I still don't think the Blackshirts have matched up against a better-than-average offense, but they sure have looked good so far. Against Notre Dame the secondary had its best game of the year. Keyuo Craver and Dejuan Groce stepped up their games and completely shut down the Irish receivers. Newcomer Barrett Ruud continued to impress, and Jamie Burrow further solidified himself as a primary frontrunner for defensive MVP.
What Went Wrong
Yes, we won the game handily. Yes, one shouldn't be too critical about a 17-point victory over a storied program like Notre Dame. Still, I have to question the conservative gameplan in the second half.
While I understand that the gameplan was so vanilla because Solich wanted to run the clock and prevent any turnovers, I don't necessarily agree that this strategy was all that effective. Yes, we won the game, but by not calling any options or pass plays, the Husker offense came to a grinding halt. Because they weren't able to get first downs or sustain any kind of drive, the Huskers weren't able to use much of the clock, and instead kept giving Notre Dame the ball back, thus giving them more opportunities to score. Fortunately the Husker D was up to the challenge, and Notre Dame never put together much of a scoring threat.

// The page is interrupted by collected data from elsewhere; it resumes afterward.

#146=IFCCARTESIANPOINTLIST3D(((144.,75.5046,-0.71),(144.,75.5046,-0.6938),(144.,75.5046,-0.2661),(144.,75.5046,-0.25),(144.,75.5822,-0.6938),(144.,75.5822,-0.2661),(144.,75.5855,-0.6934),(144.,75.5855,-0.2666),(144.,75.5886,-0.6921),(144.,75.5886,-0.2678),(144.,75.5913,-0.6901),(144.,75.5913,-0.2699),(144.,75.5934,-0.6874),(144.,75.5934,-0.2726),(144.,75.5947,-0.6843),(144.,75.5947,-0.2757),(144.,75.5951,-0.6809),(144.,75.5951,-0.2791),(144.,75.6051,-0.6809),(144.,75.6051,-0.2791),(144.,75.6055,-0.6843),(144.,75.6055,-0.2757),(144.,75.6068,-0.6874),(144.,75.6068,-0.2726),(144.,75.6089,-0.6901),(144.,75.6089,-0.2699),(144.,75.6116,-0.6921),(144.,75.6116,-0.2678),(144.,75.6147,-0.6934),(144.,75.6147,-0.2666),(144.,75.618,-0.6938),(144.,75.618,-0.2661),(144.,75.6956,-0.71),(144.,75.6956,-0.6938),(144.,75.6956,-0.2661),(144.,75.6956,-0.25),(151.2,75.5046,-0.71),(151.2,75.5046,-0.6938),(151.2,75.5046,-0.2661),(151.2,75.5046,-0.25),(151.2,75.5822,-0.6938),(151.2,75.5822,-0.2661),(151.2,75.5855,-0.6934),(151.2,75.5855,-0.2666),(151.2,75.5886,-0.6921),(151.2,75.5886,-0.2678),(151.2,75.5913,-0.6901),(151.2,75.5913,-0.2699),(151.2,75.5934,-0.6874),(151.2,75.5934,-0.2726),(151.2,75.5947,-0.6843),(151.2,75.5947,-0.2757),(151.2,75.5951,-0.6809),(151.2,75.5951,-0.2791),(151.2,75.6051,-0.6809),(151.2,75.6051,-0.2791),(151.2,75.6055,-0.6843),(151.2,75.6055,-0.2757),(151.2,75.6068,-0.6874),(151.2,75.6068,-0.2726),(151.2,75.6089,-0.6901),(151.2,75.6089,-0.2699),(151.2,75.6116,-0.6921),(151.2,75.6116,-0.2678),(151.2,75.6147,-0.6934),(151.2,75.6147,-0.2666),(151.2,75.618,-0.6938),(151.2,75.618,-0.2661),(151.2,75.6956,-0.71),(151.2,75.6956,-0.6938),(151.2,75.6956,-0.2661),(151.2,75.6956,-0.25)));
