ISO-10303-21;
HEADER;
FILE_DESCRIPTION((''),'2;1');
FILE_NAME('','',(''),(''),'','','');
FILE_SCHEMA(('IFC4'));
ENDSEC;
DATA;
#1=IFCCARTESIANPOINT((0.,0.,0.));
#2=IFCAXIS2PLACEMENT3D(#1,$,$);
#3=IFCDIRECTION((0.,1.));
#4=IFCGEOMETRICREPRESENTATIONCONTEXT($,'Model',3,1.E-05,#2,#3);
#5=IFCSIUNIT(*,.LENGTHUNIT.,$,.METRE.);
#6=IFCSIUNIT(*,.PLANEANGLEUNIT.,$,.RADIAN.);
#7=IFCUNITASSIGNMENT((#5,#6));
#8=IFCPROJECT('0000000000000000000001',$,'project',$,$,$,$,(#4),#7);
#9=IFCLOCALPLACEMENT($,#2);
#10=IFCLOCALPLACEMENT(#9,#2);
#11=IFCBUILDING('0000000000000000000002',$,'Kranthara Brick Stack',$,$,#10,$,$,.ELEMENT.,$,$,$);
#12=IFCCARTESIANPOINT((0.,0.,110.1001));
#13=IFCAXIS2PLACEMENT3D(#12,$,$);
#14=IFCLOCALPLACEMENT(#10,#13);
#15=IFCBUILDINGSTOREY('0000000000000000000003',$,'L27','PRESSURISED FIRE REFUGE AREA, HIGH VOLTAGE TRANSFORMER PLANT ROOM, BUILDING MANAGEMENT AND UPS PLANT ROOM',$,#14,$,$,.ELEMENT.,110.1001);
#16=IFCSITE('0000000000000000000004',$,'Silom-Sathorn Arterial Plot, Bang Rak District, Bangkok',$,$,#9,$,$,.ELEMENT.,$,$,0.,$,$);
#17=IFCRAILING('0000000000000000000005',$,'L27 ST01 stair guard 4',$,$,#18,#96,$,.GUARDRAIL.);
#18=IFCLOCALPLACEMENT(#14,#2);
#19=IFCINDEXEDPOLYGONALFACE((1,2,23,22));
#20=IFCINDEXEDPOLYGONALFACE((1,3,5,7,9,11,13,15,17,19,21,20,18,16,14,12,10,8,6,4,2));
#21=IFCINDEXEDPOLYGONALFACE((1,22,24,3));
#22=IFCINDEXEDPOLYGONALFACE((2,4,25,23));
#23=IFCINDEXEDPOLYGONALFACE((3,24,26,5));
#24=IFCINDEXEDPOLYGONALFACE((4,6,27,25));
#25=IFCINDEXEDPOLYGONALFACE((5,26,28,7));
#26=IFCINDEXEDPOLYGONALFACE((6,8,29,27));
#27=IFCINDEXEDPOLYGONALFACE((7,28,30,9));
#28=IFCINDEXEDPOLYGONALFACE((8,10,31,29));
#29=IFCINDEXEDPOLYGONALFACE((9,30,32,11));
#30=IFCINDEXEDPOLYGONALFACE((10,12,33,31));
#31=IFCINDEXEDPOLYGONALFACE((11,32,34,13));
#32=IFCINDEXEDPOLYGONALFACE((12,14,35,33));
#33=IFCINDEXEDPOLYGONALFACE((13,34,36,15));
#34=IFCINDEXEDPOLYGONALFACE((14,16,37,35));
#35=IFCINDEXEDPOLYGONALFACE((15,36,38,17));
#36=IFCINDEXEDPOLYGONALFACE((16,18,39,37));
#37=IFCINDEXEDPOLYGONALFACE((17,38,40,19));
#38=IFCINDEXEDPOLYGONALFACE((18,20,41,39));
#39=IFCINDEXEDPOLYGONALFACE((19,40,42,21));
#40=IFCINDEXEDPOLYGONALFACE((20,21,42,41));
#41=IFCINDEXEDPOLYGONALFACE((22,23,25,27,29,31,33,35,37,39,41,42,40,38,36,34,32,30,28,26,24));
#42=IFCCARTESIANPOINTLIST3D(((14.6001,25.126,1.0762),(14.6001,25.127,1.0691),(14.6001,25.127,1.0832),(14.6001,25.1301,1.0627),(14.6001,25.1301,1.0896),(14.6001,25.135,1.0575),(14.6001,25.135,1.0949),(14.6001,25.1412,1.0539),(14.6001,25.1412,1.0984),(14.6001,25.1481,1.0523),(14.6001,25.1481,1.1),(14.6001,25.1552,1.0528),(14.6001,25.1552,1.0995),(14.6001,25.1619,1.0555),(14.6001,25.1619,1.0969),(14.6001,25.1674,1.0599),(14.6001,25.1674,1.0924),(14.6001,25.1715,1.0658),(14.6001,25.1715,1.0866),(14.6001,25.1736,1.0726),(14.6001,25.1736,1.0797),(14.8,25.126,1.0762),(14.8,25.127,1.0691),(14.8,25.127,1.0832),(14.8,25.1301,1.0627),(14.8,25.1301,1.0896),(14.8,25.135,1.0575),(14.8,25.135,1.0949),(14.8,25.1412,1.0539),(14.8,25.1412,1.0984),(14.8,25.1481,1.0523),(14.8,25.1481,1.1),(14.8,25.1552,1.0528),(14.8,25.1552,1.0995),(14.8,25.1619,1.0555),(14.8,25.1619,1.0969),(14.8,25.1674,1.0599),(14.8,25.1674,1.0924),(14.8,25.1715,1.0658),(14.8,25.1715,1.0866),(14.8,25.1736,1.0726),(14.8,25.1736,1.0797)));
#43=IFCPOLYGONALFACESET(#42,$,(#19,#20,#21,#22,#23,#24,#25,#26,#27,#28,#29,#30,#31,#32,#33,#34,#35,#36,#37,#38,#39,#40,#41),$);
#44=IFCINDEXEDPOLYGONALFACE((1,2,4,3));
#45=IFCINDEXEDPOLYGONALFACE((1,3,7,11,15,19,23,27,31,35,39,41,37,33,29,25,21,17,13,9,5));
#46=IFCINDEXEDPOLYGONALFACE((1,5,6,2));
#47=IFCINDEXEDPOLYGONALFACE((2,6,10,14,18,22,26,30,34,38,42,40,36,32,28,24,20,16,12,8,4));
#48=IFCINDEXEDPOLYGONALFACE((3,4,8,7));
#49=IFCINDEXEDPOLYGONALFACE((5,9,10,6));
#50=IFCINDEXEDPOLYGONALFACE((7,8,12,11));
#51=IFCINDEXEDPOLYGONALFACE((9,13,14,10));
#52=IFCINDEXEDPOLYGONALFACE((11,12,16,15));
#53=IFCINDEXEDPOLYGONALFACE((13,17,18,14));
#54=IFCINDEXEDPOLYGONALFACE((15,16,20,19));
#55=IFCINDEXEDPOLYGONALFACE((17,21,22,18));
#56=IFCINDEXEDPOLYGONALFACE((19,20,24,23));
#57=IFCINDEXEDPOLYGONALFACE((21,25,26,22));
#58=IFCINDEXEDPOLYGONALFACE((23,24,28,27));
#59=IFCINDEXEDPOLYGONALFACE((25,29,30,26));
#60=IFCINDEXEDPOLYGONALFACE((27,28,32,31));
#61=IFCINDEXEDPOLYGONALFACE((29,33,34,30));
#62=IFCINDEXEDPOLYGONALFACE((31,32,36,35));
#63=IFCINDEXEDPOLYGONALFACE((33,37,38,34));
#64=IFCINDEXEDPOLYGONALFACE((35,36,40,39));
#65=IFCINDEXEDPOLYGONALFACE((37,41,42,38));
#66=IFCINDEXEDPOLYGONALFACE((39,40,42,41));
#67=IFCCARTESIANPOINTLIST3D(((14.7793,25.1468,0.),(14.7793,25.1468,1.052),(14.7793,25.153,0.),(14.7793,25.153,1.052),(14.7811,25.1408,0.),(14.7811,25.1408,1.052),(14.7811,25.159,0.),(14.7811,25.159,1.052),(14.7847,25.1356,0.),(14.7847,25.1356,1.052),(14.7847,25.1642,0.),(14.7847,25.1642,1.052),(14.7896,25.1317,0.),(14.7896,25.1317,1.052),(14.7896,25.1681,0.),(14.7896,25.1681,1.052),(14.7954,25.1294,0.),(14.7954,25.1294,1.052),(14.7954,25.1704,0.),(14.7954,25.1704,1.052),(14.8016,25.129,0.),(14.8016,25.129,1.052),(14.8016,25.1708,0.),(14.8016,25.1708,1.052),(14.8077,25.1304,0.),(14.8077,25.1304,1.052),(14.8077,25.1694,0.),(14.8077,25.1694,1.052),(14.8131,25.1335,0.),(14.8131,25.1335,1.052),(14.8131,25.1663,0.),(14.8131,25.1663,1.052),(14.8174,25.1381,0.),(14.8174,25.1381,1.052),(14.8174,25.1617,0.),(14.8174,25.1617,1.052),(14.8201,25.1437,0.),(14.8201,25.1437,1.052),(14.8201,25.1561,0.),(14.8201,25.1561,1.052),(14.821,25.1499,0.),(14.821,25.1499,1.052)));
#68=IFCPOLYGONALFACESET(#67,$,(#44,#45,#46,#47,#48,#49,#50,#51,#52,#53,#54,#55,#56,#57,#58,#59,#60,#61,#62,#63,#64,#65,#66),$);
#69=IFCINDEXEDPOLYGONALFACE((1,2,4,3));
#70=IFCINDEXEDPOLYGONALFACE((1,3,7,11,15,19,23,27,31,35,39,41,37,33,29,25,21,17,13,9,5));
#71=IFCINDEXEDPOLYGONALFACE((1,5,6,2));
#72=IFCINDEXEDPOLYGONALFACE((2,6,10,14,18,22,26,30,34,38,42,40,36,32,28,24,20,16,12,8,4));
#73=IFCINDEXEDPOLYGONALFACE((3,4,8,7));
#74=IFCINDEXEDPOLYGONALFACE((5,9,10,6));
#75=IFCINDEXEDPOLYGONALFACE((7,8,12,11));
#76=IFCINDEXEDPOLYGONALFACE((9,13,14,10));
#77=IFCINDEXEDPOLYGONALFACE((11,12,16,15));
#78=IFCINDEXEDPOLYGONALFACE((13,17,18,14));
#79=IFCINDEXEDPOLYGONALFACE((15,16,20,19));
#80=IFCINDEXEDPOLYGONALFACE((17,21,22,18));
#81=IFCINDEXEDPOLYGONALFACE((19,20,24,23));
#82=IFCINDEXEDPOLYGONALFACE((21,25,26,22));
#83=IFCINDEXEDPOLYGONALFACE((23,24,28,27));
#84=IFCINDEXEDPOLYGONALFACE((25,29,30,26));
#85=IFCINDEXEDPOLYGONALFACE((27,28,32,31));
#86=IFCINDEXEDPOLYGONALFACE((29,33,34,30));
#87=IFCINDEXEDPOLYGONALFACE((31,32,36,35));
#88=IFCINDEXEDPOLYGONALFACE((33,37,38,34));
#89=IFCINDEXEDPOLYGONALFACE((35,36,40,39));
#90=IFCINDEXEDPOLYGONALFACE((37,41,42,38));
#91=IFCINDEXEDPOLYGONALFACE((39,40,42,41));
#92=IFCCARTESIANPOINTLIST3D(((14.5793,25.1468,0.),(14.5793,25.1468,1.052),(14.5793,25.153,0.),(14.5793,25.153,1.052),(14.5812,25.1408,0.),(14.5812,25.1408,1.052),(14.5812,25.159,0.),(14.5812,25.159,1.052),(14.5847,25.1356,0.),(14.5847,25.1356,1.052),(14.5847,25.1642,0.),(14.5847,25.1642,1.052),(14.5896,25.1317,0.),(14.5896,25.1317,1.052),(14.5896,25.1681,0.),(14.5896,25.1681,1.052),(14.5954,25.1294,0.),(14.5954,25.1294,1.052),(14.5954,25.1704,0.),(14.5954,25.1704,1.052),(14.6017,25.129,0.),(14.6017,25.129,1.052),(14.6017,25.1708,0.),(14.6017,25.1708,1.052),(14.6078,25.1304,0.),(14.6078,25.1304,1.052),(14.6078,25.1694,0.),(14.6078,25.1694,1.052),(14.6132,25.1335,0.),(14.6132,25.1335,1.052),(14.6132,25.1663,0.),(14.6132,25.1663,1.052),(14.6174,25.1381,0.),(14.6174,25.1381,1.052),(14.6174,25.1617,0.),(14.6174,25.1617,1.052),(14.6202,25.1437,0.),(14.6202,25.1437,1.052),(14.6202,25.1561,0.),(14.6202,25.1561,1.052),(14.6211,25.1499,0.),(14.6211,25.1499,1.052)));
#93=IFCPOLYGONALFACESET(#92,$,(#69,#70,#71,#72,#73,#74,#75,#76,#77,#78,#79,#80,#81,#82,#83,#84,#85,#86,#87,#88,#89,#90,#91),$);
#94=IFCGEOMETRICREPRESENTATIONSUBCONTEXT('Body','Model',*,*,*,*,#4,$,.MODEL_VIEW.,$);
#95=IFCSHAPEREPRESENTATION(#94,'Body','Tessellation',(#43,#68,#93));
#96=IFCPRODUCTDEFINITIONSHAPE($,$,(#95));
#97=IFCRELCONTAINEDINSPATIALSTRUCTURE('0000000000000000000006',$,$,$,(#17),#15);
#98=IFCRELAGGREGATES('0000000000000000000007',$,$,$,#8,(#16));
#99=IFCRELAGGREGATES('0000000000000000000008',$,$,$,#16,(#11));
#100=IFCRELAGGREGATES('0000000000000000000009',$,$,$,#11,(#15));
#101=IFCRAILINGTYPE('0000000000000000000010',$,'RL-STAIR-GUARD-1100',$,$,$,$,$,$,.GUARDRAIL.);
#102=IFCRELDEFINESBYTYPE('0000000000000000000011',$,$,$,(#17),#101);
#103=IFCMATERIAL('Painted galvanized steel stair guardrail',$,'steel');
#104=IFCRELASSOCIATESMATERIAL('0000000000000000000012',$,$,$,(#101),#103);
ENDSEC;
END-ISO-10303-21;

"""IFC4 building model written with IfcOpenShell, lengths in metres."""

from ifc_helpers import new_model, si_unit, direction, frame, origin, origin_2d, place, context, subcontext, project, spatial, circle, extrude, material, type_object, element, save


model = new_model("IFC4")

# Units and contexts
model_context = context("Model", 3, precision=1e-05, world=origin(), true_north=direction((0.0, 1.0)))
body_context = subcontext(model_context, "Body", "Model", "MODEL_VIEW")
ifc_project = project(units=[si_unit("LENGTHUNIT", "METRE"), si_unit("PLANEANGLEUNIT", "RADIAN")], contexts=[model_context])

# Site, building, storey
site_placement = place(None, origin())
site = spatial("IfcSite", under=ifc_project, at=site_placement, Name="Silom-Sathorn Arterial Plot, Bang Rak District, Bangkok", CompositionType="ELEMENT", RefElevation=0.0)
building_placement = place(site_placement, origin())
building = spatial("IfcBuilding", under=site, at=building_placement, Name="Kranthara Brick Stack", CompositionType="ELEMENT")
storey_placement = place(building_placement, frame((0.0, 0.0, 110.1001)))
storey = spatial("IfcBuildingStorey", under=building, at=storey_placement, Name="L27", Description="PRESSURISED FIRE REFUGE AREA, HIGH VOLTAGE TRANSFORMER PLANT ROOM, BUILDING MANAGEMENT AND UPS PLANT ROOM", CompositionType="ELEMENT", Elevation=110.1001)

# Railing
ifc_material_1 = material(Name="Painted galvanized steel stair guardrail", Category="steel")
railing_type_1 = type_object("IfcRailingType", Name="RL-STAIR-GUARD-1100", PredefinedType="GUARDRAIL", material=ifc_material_1)
railing_1_placement = place(storey_placement, frame((14.8, 25.1499, 0.0)))
element("IfcRailing", 1, at=railing_1_placement, inside=storey, type_object=railing_type_1, Name="L27 ST01 stair guard 4", PredefinedType="GUARDRAIL", context=body_context, shape_type="SweptSolid", body=[
    extrude(circle(Radius=0.0239, at=origin_2d()), frame((0.0, 0.0, 1.0762), z_axis=(-1.0, 0.0, 0.0), x_axis=(0.0, -1.0, 0.0)), (0.0, 0.0, 1.0), 0.2),
    extrude(circle(Radius=0.021, at=origin_2d()), origin(), (0.0, 0.0, 1.0), 1.052),
    extrude(circle(Radius=0.021, at=origin_2d()), frame((-0.2, 0.0, 0.0)), (0.0, 0.0, 1.0), 1.052),
])

save(model, "model.ifc")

Overall the coaching staff did a good job of preparing the team and keeping Notre Dame off-balance, but in the future I'd like to see Solich and Co. be more aggressive after earning a lead.
The other significant negative was the season-ending injury of defensive tackle Jason Lohr. After having a so-so campaign in 2000, Lohr was off to a tremendous start in 2001. Fortunately for the Big Red, this is a position with quite a bit of depth. Lohr's back-up John Clanton has looked very capable of sliding into a Blackshirt. Still, losing a player of Lohr's caliber could have an impact down the road.
The Desert Husker Offensive Player of the Game
The winner of the DH Offensive Player of the Game, and 125 Powerball Lottery tickets (purchased a month ago), is Dahrran Diedrick. Against the Irish, Diedrick ran tough and ran often. Amazing what not being suspended can do for a guy's productivity. In his two starts this year, Diedrick has established himself as "the man" at I-back. He's hitting holes, he's breaking tackles, and he's holding on to the ball. While Diedrick's workman-like day didn't include any highlight reel quality runs, it did show he's a solid back who has earned Solich's confidence.
The DH Defensive Player of the Game
While one could make a pretty good argument that the player most responsible for shutting down Notre Dame's offense was Irish signal caller Matt Lovecchio, I'm giving this award to Dejuan Groce. Groce's day against Notre Dame featured a few jarring tackles, tight pass coverage, an interception, and a punt return for a touchdown that was called back because of a penalty. With his performance, Groce gained some much needed confidence and sent a message to future Husker opponents that NU will be tough to throw against this year.
The Desert Husker Inanimate Object of the Game
This one is a toss-up between my remote control (likely the most underrated technological advance in the last hundred years), and the Notre Dame offensive line.
What will this week's game teach us?
We've seen glimpses of the talent possessed by this year's version of the Big Red, now we get to see how focused and resilient they are. After coming off a very emotional victory against Notre Dame, and then dealing with the horrors of the past week, it would be understandable if the Huskers played without much intensity on Thursday. I don't see Rice having the talent to pose a real threat, but wouldn't be surprised to see a mistake-laden effort by the Huskers. Even if this is the case, it will be good to have something for which to cheer.